Stevie rolled her eyes at him. ‘Yeah, you seem to need it. Don’t be a dickhead; stay here. I have a spare room made up. It’s on the right of the passage near the front door; help yourself. I’ll drop you home when you’ve had a couple of hours rest and then you can put on a clean white shirt and we can go to the meeting at Central together.’
Fowler agreed without further persuasion. ‘I’ll need to touch base with Angus before the meeting though, tell him about all this.’ He yawned, his gaze wandering again over the primitive kitchen. ‘I suppose this might scrub up okay, if you can bear to put the work into it—very different to mine.’
Stevie shrugged. ‘Horses for courses.’
‘Guess so.’ He moved over to Monty’s tropical fish tank, temporarily placed against a wall that would one day be demolished for a walk-in pantry. He stared for a moment at the frantic movements and flashing colours of the darting fish, going nowhere, never stopping for rest. ‘I never understood what peo
ple mean when they say looking at fish is relaxing,’ he said. ‘These hyperactive little guys are doing nothing for me but increasing my headache.’
‘Monty’s prized possessions. He breeds them.’

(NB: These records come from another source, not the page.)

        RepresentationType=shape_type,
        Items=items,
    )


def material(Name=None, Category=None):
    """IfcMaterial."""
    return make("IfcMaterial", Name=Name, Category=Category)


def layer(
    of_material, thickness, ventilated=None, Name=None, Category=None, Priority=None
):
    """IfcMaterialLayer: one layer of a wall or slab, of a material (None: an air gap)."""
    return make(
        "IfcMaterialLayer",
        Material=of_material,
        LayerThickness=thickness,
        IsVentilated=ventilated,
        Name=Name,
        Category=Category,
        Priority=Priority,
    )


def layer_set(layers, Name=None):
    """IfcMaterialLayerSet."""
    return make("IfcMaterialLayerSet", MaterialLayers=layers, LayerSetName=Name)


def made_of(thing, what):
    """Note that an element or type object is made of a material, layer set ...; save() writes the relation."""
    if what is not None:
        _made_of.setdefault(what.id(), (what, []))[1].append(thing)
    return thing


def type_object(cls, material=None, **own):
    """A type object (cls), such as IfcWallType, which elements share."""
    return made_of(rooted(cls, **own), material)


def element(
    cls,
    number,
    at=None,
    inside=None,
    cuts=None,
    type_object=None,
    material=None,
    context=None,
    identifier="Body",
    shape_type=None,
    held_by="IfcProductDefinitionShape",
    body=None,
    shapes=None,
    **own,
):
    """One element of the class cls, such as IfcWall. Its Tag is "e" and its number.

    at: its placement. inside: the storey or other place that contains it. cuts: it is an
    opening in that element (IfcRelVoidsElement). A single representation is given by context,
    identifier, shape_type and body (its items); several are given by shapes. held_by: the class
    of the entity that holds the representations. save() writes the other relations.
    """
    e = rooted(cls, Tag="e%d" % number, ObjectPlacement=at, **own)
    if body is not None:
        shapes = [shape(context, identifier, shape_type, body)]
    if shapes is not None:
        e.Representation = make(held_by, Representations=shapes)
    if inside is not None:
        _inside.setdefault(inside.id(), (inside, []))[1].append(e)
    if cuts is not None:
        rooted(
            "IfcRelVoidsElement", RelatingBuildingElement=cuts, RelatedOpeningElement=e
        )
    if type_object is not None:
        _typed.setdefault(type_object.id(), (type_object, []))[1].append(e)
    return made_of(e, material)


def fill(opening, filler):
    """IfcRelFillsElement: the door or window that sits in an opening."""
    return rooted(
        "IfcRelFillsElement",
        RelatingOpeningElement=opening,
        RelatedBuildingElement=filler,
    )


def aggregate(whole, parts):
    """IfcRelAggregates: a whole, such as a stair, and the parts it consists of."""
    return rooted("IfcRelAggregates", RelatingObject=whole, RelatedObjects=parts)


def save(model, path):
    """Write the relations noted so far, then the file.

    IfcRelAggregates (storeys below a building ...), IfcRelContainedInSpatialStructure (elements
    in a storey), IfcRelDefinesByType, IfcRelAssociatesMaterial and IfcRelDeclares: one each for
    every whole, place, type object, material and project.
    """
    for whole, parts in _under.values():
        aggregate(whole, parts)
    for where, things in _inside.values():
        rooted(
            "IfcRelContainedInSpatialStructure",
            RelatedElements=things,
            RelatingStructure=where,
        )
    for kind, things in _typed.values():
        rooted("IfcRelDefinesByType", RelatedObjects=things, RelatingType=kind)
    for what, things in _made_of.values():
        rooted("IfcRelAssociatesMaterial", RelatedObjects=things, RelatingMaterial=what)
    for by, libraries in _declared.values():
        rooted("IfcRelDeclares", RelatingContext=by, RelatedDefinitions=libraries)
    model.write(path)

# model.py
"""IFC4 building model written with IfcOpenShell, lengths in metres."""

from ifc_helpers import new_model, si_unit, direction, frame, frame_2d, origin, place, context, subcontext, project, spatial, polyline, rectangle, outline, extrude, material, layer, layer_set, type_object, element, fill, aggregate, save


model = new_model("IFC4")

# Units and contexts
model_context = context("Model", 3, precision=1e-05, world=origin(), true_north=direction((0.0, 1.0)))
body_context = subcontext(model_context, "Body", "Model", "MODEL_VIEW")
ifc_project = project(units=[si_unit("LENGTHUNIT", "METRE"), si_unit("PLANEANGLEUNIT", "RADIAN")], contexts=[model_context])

‘Remind him of you, do they?’
Jeez, Stevie thought, the man not only had the hide of a rhino but the tact of a farting bull elephant to boot. She set about putting the first aid box away in one of the high kitchen cupboards. When she turned around again, she expected Fowler to have made a move, but found him still staring at the fish.
‘Are you sure you’re okay?’
He nodded. ‘I just saw a fish eat one of its babies.’
‘Generally the fish with the biggest mouth wins.’
Fowler muttered something she didn’t catch.
‘I’m going to make an omelette—do you want some?’ she asked.
‘May as well, I’m tired, but too tired for sleep.’
Stevie knew how he felt.
Stevie had planned on picking Izzy up from her mother’s and taking her to see Monty for the first time since the operation. But after the night’s drama, it was paramount she attend the briefing at Central if she was to get any inkling about what they were up against. Izzy was not impressed when she rang to cancel. She would probably store the disappointment and hurt away, Stevie thought, use it for ammunition when she was a teenager. Stevie let out a heavy sigh and replaced the phone.
Fowler had also been on the phone, talking to Angus. ‘He wants me to fill the team in at the briefing,’ he said with a noticeable edge to his voice.
They arrived at the Serious Crime Squad’s incident room with plenty of time to spare. Angus had not yet emerged from Monty’s office. Officers milled around the room sipping coffee from corrugated cardboard cups and pulling up chairs.
Wanting to remain unobtrusive, Stevie perched on her old desk at the back of the room. Wayne Pickering wandered by without seeing her, but spotted Fowler immediately. ‘Hey, what happened to your head?’ the older detective said.